Landlords in denial as deflation beckons
Economists warn double digit house price inflation is about to turn into double digit house price deflation, almost overnight. Some landlords are even being advised to get out as population growth stops and spiralling unemployment pressures rents lower
Economists have predicted a world of pain for property owners: house prices dropping by double digit percentages and a rental market that doesn't look much better.
Treasury has developed scenarios of double-digit unemployment. Some investors believe if rents don't fall to match the reduced incomes of tenants the conversion of unneeded office blocks to residential apartments or a flood of Airbnbs might do the job.
New Zealand Property Investors' Federation President Sharon Cullwick said she had also given this stark warning to fellow investors:
"Make a decision now on whether you can afford to keep your investments," Cullwick said.
"And stick with it. If it means you've got to get out of the market then get out of the market, but know that you can get back in later," she said.
Kiwibank economist Jarrod Kerr has predicted house prices could fall by up to 10 percent this year. Or almost 20 percent in a "downside" scenario.
Infometrics economist Paul Barkle had a similar prediction of a 5-10 percent decline. He said an oversupply of housing was on the cards with border closures leading to a "massive" slowdown in population growth. ANZ has forecast house price deflation of 10-15 percent, although that would only take prices back to where they were 12 to 18 months ago.
Rents could be on their way down too, Barkle said.
Two factors could contribute to this. More offices would likely be converted into residential space, but those conversions would take more than a year to come into play, he said. A larger factor in the short term was former Airbnb properties that would be put onto the open rental market.
"This increase in rental properties is primarily due to houses shifting from short-term holiday rentals to longer-term rentals due to the collapse in tourism," Barkle said.
"The increase in supply coupled with tenants' limited ability to pay rent will push rents down," he said.
Landlords in denial
Real iQ property manager David Faulkner, who trains property managers around the country, is a landlord and property manager himself. He used to watch The Big Short every once in a while just to remind himself that house prices could go both down and up.
"Queenstown literally became like Greymouth overnight. You know, it was that bad."
Faulkner said many landlords were in denial about the extent to which incomes, rents, Airbnb demand, and house prices would be affected by Covid-19. Some had even suggested domestic tourism demand would take the place of international demand.
"I won't say they're delusional but they haven't grasped what's happening yet," Faulkner said.
"A lot of New Zealanders are going to be unemployed ... they're going to be saving money," he said.
"They're not going to go to Queenstown. They're going to go to Foxton."
Faulkner started hearing about how bad that pain could get after borders closed and businesses started shutting up shop.

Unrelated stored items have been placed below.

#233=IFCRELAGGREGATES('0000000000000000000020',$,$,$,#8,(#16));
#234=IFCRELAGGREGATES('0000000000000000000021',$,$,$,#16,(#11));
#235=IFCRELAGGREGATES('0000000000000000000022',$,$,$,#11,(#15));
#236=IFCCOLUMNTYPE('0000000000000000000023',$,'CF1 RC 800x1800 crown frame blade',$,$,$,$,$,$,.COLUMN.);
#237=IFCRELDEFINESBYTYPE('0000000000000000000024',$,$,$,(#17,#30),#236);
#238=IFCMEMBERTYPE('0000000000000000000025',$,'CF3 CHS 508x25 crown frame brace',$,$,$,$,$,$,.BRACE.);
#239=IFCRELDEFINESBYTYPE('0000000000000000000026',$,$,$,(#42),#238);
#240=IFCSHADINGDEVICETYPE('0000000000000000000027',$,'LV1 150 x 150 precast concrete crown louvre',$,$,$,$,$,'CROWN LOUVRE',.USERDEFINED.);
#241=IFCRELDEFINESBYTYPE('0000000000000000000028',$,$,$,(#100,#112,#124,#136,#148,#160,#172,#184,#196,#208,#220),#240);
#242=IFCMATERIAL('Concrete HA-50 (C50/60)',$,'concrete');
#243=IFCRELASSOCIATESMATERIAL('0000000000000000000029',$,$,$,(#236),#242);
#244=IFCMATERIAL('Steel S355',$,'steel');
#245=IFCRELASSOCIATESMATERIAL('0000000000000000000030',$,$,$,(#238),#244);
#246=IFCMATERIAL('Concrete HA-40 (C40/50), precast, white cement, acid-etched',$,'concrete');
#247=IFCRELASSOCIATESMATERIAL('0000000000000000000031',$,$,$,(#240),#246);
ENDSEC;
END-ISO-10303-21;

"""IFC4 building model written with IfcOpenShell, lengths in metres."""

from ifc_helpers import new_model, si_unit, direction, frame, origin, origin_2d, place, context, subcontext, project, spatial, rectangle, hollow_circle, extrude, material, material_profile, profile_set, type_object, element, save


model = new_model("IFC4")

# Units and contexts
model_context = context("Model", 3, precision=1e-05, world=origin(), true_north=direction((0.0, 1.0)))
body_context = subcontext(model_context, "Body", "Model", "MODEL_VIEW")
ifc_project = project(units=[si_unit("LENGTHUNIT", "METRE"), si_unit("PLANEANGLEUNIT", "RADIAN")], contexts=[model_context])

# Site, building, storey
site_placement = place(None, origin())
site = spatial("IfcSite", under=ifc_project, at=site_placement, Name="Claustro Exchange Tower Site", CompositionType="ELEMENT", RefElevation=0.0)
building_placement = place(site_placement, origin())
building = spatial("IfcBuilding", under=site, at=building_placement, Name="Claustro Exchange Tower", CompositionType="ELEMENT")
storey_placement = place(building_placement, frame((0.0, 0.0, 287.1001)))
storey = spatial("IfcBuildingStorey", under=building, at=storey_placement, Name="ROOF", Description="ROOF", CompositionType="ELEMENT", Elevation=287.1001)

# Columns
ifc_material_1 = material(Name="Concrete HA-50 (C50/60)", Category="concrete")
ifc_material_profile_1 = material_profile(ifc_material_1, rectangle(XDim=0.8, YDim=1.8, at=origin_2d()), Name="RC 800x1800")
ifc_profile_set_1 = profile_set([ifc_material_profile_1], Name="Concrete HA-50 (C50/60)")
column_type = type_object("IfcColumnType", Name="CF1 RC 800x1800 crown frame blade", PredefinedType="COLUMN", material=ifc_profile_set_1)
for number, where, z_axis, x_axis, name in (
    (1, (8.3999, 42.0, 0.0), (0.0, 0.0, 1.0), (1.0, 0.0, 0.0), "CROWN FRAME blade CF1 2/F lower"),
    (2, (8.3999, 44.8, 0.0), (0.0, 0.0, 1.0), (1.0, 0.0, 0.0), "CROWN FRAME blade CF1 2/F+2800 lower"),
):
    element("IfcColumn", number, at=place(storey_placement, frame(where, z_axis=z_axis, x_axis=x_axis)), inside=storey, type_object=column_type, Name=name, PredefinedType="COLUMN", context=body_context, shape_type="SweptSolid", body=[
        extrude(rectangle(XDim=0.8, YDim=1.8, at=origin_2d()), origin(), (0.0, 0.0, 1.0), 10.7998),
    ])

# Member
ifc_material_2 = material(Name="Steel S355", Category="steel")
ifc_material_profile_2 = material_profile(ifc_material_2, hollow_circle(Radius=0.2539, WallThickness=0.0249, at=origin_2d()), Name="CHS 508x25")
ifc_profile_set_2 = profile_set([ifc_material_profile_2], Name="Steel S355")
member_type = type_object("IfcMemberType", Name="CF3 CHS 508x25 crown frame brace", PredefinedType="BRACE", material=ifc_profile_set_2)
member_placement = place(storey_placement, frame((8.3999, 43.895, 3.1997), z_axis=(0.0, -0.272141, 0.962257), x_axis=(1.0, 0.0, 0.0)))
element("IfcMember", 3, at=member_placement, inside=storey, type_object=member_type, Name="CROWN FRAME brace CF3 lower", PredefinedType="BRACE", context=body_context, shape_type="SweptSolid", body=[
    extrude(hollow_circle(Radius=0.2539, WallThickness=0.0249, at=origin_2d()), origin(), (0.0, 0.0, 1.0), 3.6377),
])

In Queenstown, one company experienced a steady stream of tenants coming into its office the day after the borders closed. They handed in their keys and walked out.
"Queenstown literally became like Greymouth overnight. You know, it was that bad," Faulkner said.
Rent pressure already being felt
Faulkner has run a fortnightly survey of property managers since the crisis hit the headlines.
Property managers surveyed expected rent defaults to rise to hit 20 percent during the pandemic. Within the first week of lockdown they reported that the rate of people falling behind on their rent had doubled from 3 percent to over 6 percent.
Sense Partners economist Shamubeel Eaqub was reluctant to make predictions about the housing market, but believed homeowners who bought into the market over the past few years would be most at risk of suffering financial pain.
However, Eaqub said when property prices fell, people tended to hold onto their properties even in situations of "negative equity" where the value of the debt they'd been saddled with exceeded the price of the house they bought.
"If you're a young professional with a very good job you might go from earning six figures down to the benefit," Eaqub said.
"Would you be able to afford your mortgage payments and other things? Probably not," he said.
Cullwick said landlords were already being approached with requests to give their tenants rent holidays or reductions in rent.
Some now asked for evidence of financial hardship, she said.
"Landlords are everyday people and they've got the same pressures that everybody else does," Cullwick said.